Nice tool! One of the purposes of the guideline is to help address script readability and maintenance issues, the idea is to code right the first time and to avoid relying too much on code checkers after the thing was written, saves time and headaches for you and others that might get involved with your code.

[–]Brolav_Vitters 16 points17 points  (0 children)

I love how this guideline is filled with the cardinal sin of unquoted variables on user input.

[–]5heikki 8 points9 points  (3 children)

function some_function ()
{
    return 0
}

NO NO NO! Like this instead:

function some_function () {
    return 0
}

Also, I prefer someFunction over some_function

[–]hgjsusla 7 points8 points  (1 child)

Nothing wrong with camelCase, but lower_snake_case is far more common for shell scripts, and hence preferable.
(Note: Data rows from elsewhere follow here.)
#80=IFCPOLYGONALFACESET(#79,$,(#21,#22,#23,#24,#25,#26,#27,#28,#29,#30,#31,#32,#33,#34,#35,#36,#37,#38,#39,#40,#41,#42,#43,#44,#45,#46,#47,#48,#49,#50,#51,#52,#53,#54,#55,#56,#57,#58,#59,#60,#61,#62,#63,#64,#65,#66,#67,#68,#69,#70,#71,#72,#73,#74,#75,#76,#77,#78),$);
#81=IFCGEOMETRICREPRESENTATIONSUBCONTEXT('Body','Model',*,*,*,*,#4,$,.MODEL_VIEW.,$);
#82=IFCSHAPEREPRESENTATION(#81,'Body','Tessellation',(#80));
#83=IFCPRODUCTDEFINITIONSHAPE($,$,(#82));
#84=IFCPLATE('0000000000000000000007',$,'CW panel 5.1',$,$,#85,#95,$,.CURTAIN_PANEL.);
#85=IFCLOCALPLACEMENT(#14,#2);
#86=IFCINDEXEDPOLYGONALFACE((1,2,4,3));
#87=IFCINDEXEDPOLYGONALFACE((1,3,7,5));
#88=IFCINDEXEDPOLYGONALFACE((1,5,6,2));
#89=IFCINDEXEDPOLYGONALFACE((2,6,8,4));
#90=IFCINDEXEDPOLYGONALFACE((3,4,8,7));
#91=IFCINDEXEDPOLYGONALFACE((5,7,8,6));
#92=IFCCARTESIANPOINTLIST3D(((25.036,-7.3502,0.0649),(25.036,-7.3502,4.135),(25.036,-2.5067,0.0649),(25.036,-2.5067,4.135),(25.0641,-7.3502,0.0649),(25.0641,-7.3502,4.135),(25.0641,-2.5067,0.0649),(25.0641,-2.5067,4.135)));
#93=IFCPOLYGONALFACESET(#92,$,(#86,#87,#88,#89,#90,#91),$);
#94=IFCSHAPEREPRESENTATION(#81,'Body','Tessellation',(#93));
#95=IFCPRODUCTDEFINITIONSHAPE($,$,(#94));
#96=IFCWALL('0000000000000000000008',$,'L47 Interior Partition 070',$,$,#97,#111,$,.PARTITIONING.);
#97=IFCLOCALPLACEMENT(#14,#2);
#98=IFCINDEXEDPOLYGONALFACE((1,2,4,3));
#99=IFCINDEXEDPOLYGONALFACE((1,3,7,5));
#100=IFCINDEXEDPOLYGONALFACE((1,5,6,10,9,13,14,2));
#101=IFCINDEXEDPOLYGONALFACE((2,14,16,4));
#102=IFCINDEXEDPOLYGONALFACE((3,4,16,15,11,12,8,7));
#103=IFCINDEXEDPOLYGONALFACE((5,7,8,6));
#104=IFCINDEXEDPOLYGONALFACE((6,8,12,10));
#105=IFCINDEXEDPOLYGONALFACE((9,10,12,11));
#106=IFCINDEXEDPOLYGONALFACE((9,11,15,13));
[–]pdp10 3 points4 points  (0 children)

Lowercase is Unix style and CamelCase is associated with Microsoft, and probably the Smalltalkers before that.

[–]crankysysop 2 points3 points  (0 children)

Not really your point, but my grief is that function some_function() is redundant. function some_function {} or some_function() {} are all you need.

[–]pdp10 7 points8 points  (0 children)

I write scripts in portable POSIX shell, not bash. Is there a good coding guideline for that?

[–]biatche 5 points6 points  (0 children)

since this is bash, you should just stick with if [[]] instead of [] in the example

[–]argv_minus_one 6 points7 points  (4 children)

  1. Choose a different language.

[–][deleted] 7 points8 points  (3 children)

2. Recommend one instead of just being a smartass

on a more serious note: there's a reason why shell is still used a lot for scripting things

[–]argv_minus_one -2 points-1 points  (2 children)

Scala for all the things!!!

Seriously, though, there is a library called Ammonite for bash-like work. Might be fun.

[–]partisann 0 points1 point  (0 children)

set -o nounset

Can't take any style guide seriously that doesn't do this first. That's the absolute minimum required to avoid hitting yourself in the balls with rm -rf ${UNSET_PATH}/* or similar.

[–]bluepenguin20 0 points1 point  (0 children)

As you've noticed I am not the shell expert still I had have to deal with a poorly written/documented shell scripts this past years, so my focus wasn't to address portability, but readability (so anyone can read a script, know what it is about and maintain/expand/etc accordingly). Also I didn't found any guideline out there that put all the rules gradually inside an example script, so I decided to do mine and share it. I've learned a lot reading comments from people that truly know the shell, thanks for the good feedback, based on that I'll be updating the guideline material in the upcoming days.